"Oh Well!"
Last week I was on a journey back to my teen and university years. Friday nights spent listening to bands in the hot, sweaty Students Union and simultaneously trying to figure out how girls worked.
I like the live recorded, raw and vital sound of that Fleetwood Mac classic - "Oh Well" - spotted immediately by Peter. (To listen again use the player gadget at the bottom left of the screen.)
His namesake, guitarist Peter Green, was one of a handful of musicians who defined for me the sound of the late sixties, early seventies. A blues man, with a distinctive, effortless and individual style on the guitar as well as vocals, he produced a stream of classics in a few years with his Fleetwood Mac band. "Man of the World", "Need Your Love So Bad", and "Black Magic Woman" for example. The latter best known probably for the cover version by Santana. When he left, Fleetwood Mac deserted its blues roots and changed into the "supergroup" band that I suppose most people know today.
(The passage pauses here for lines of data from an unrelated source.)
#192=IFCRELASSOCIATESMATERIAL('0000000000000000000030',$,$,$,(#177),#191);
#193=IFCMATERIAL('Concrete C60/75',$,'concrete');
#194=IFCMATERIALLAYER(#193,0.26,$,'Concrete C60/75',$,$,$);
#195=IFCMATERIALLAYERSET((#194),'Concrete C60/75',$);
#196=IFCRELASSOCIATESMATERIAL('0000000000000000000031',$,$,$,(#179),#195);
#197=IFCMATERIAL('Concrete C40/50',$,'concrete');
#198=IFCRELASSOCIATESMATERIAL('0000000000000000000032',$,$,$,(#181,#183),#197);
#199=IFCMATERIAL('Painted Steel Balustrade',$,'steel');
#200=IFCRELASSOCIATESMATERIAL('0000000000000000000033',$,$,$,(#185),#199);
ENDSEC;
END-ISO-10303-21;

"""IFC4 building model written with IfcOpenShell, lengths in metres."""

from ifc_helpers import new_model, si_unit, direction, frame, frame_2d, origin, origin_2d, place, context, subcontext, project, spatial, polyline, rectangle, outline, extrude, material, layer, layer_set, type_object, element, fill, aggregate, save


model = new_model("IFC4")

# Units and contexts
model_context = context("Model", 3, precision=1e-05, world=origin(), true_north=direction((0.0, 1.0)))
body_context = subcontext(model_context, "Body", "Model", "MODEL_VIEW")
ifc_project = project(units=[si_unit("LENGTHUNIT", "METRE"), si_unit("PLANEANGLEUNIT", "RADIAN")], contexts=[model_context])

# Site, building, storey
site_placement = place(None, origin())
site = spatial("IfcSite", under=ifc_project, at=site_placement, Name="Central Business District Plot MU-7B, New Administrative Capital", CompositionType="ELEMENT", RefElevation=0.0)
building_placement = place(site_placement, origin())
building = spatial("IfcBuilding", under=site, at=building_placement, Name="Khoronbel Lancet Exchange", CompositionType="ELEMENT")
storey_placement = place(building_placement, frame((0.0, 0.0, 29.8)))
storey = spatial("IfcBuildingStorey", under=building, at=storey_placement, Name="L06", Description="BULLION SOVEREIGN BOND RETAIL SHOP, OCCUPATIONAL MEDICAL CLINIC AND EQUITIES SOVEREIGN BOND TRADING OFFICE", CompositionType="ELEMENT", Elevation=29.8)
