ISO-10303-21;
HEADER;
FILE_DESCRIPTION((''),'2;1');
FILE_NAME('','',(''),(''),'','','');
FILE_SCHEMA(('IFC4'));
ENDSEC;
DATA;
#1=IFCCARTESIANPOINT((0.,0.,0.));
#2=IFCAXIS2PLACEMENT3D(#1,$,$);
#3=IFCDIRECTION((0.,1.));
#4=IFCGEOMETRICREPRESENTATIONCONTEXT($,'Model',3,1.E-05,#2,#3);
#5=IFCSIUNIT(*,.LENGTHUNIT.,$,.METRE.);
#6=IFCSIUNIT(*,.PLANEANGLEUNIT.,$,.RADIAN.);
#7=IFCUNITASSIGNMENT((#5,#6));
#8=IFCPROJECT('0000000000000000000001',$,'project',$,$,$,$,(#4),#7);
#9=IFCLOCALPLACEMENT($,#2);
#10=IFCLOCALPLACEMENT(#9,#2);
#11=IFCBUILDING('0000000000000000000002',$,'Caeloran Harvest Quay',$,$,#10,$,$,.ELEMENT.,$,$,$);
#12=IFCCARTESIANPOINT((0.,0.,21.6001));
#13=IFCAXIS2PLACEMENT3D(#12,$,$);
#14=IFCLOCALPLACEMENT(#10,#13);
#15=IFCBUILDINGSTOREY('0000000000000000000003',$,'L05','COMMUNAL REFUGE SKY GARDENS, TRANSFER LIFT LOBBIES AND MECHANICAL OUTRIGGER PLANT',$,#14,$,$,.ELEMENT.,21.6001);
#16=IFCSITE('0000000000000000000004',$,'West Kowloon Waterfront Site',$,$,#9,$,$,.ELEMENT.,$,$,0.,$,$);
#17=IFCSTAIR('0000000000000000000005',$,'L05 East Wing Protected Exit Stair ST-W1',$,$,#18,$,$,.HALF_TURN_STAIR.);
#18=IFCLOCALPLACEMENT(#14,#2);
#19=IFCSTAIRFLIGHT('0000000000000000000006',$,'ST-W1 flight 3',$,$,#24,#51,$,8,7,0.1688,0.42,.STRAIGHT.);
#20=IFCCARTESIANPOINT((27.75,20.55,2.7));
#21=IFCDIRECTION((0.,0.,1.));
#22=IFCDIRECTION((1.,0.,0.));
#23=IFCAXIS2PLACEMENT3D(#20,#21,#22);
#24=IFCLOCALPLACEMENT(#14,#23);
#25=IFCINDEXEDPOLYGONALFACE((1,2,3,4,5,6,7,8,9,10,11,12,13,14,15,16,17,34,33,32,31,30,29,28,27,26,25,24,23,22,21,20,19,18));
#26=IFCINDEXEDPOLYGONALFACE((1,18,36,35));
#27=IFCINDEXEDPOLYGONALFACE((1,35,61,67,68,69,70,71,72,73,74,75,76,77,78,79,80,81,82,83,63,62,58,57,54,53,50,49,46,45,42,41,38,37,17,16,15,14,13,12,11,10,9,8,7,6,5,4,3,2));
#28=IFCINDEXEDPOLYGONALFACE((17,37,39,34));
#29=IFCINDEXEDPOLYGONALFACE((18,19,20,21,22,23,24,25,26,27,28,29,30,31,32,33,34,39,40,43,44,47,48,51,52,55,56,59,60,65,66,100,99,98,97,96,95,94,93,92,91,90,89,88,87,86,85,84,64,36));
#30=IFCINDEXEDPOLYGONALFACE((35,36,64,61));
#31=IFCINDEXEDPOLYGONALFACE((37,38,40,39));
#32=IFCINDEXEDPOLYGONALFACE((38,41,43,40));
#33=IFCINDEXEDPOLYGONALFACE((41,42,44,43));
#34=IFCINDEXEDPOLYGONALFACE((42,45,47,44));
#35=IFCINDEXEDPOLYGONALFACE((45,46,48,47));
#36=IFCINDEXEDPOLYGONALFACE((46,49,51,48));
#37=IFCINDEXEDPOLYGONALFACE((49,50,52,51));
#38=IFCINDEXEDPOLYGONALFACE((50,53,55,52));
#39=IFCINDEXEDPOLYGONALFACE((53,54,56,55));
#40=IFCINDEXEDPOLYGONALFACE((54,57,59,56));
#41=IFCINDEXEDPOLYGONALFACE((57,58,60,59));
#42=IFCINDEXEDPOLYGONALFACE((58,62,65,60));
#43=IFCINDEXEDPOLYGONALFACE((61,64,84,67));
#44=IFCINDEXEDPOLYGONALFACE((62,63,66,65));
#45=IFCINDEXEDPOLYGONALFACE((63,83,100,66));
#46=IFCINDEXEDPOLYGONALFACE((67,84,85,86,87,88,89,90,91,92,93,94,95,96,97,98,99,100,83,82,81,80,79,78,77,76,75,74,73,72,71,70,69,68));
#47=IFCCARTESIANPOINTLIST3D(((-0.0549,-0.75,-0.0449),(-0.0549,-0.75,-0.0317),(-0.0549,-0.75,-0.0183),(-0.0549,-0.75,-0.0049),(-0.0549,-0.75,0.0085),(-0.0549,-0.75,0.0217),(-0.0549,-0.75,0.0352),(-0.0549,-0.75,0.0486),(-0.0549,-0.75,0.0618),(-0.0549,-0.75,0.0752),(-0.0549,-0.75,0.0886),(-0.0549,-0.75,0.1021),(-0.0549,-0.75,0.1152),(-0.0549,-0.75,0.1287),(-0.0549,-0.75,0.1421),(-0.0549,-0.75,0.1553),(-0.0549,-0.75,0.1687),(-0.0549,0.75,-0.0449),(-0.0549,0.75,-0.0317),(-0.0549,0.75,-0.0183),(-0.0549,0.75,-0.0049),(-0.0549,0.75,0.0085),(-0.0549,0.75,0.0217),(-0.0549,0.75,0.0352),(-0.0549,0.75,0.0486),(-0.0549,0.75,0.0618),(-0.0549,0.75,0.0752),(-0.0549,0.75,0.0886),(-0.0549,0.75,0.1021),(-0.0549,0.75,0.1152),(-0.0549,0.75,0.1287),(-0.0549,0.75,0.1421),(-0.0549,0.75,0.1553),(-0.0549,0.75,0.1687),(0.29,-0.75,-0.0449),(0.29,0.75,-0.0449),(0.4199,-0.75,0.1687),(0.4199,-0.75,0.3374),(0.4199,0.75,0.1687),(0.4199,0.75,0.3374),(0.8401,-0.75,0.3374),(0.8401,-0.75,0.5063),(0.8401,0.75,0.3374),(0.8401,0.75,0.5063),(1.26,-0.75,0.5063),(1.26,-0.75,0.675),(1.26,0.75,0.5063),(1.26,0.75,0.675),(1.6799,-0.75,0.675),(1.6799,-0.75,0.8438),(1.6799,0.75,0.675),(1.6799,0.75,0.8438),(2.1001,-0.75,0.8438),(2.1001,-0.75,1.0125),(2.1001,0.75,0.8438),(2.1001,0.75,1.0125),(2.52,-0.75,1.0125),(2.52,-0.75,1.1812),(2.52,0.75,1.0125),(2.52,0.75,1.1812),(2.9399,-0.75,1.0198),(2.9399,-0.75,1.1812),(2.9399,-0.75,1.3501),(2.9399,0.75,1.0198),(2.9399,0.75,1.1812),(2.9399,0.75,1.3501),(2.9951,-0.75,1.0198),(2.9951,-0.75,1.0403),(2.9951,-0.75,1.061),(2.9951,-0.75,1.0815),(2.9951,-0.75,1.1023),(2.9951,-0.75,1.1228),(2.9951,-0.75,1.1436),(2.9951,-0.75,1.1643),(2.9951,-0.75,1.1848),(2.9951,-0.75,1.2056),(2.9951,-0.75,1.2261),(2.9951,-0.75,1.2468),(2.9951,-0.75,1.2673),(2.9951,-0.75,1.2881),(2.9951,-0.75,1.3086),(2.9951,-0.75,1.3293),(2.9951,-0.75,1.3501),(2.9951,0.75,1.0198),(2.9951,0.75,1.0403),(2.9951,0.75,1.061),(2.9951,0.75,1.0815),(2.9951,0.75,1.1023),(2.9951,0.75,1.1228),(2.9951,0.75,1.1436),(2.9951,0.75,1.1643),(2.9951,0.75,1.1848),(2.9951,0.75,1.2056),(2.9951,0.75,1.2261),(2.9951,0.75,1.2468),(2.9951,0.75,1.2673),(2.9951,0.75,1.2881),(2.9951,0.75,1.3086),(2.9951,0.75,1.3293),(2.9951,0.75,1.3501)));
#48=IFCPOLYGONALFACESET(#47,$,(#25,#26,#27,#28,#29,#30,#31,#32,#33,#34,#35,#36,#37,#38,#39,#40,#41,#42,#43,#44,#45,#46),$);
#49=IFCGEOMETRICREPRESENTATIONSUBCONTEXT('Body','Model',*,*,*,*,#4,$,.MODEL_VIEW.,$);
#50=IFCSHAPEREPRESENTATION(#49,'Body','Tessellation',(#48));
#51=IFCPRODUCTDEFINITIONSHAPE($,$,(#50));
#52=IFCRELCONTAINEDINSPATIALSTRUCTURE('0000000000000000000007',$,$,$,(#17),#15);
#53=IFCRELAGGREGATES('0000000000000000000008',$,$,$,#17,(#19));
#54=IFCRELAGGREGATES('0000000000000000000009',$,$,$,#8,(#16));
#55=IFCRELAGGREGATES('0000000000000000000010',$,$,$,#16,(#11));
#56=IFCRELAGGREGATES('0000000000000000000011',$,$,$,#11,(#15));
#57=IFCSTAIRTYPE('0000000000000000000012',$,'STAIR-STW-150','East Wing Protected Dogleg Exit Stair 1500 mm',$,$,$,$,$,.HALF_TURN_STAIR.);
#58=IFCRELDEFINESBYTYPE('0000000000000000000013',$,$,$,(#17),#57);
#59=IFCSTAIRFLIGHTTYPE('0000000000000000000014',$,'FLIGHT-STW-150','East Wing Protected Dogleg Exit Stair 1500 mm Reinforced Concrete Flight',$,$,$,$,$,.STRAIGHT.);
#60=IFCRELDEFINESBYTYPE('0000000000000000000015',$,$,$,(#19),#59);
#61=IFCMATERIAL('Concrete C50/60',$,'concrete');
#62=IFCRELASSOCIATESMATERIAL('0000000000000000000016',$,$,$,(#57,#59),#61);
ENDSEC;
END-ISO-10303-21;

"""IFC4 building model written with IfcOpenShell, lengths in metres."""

from ifc_helpers import new_model, si_unit, direction, frame, origin, place, context, subcontext, project, spatial, polyline, outline, extrude, material, type_object, element, aggregate, save


model = new_model("IFC4")

# Units and contexts
model_context = context("Model", 3, precision=1e-05, world=origin(), true_north=direction((0.0, 1.0)))
body_context = subcontext(model_context, "Body", "Model", "MODEL_VIEW")
ifc_project = project(units=[si_unit("LENGTHUNIT", "METRE"), si_unit("PLANEANGLEUNIT", "RADIAN")], contexts=[model_context])

# Site, building, storey
site_placement = place(None, origin())
site = spatial("IfcSite", under=ifc_project, at=site_placement, Name="West Kowloon Waterfront Site", CompositionType="ELEMENT", RefElevation=0.0)
building_placement = place(site_placement, origin())
building = spatial("IfcBuilding", under=site, at=building_placement, Name="Caeloran Harvest Quay", CompositionType="ELEMENT")
storey_placement = place(building_placement, frame((0.0, 0.0, 21.6001)))
storey = spatial("IfcBuildingStorey", under=building, at=storey_placement, Name="L05", Description="COMMUNAL REFUGE SKY GARDENS, TRANSFER LIFT LOBBIES AND MECHANICAL OUTRIGGER PLANT", CompositionType="ELEMENT", Elevation=21.6001)

# Stair, stair flight
ifc_material_1 = material(Name="Concrete C50/60", Category="concrete")
stair_type = type_object("IfcStairType", Name="STAIR-STW-150", Description="East Wing Protected Dogleg Exit Stair 1500 mm", PredefinedType="HALF_TURN_STAIR", material=ifc_material_1)
stair_placement = place(storey_placement, origin())
stair = element("IfcStair", 1, at=stair_placement, inside=storey, type_object=stair_type, Name="L05 East Wing Protected Exit Stair ST-W1", PredefinedType="HALF_TURN_STAIR")
stair_flight_type = type_object("IfcStairFlightType", Name="FLIGHT-STW-150", Description="East Wing Protected Dogleg Exit Stair 1500 mm Reinforced Concrete Flight", PredefinedType="STRAIGHT", material=ifc_material_1)
stair_flight_1_placement = place(storey_placement, frame((27.75, 20.55, 2.7), z_axis=(0.0, 0.0, 1.0), x_axis=(1.0, 0.0, 0.0)))
stair_flight_1 = element("IfcStairFlight", 2, at=stair_flight_1_placement, type_object=stair_flight_type, Name="ST-W1 flight 3", NumberOfRisers=8, NumberOfTreads=7, PredefinedType="STRAIGHT", RiserHeight=0.1688, TreadLength=0.42, context=body_context, shape_type="SweptSolid", body=[
    extrude(outline(polyline([(-0.0549, -0.0449), (-0.0549, -0.0317), (-0.0549, -0.0183), (-0.0549, -0.0049), (-0.0549, 0.0085), (-0.0549, 0.0217), (-0.0549, 0.0352), (-0.0549, 0.0486), (-0.0549, 0.0618), (-0.0549, 0.0752), (-0.0549, 0.0886), (-0.0549, 0.1021), (-0.0549, 0.1152), (-0.0549, 0.1287), (-0.0549, 0.1421), (-0.0549, 0.1553), (-0.0549, 0.1687), (0.4199, 0.1687), (0.4199, 0.3374), (0.8401, 0.3374), (0.8401, 0.5063), (1.26, 0.5063), (1.26, 0.675), (1.6799, 0.675), (1.6799, 0.8438), (2.1001, 0.8438), (2.1001, 1.0125), (2.52, 1.0125), (2.52, 1.1812), (2.9399, 1.1812), (2.9399, 1.3501), (2.9951, 1.3501), (2.9951, 1.3293), (2.9951, 1.3086), (2.9951, 1.2881), (2.9951, 1.2673), (2.9951, 1.2468), (2.9951, 1.2261), (2.9951, 1.2056), (2.9951, 1.1848), (2.9951, 1.1643), (2.9951, 1.1436), (2.9951, 1.1228), (2.9951, 1.1023), (2.9951, 1.0815), (2.9951, 1.061), (2.9951, 1.0403), (2.9951, 1.0198), (2.9399, 1.0198), (0.29, -0.0449), (-0.0549, -0.0449)])), frame((0.0, 0.75, 0.0), z_axis=(0.0, -1.0, 0.0), x_axis=(1.0, 0.0, 0.0)), (0.0, 0.0, 1.0), 1.5),
])
aggregate(stair, [stair_flight_1])

save(model, "model.ifc")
If I sound nostalgic for something that has passed - then I am!
Like Gurney, Peter Green's career has been a tough voyage, beset with problems - but I'll let people investigate that themselves if they want.
This week's music also has something in common with these previous posts.
Marie Celeste contributed some interesting stuff about the Gurney/Fletcher song. If she is listening in, I wonder if there is any of this on her bookshelf, tucked alongside those Elizabethan Metaphysicals.. ?
The song gets a mention here: -
http://www.bbc.co.uk/highlandsandislands/content/a...
A song lyric is a completely different thing to a poem, though, and I'm not sure if this would have stood up on its own as poetry, although it works so well with the music.
However there are some interesting points here. I had posted the song because I knew and liked it, but hadn't really thought about it in the same way as "Sleep". The words are by Burns, as Peter also realised, but the music as you say is indeed a dance tune, and as I listen to the 4/4 repetitions I wonder why I missed it. It seemed so obviously a "melodie". I also discovered that there are different flavours of strathspey, however and this fits the idea of an "air". The dance itself is very stately , and reflects the contemplative longing mood of the words.
Is it a great poem? Probably not. You're right that it's first and foremost a song lyric, and it is a bit cliche'd. I doubt if Burns conceived it as any more than a warmly felt tribute to someone he loved and missed. It does capture that feeling nicely, without quite getting mawkish, when you see reminders of someone everywhere. cf with "All Kinds of Everything", the sugary Eurovision Winner of 1970 from Dana.
And it is beautifully sung - not easy I would think, at such a slow tempo.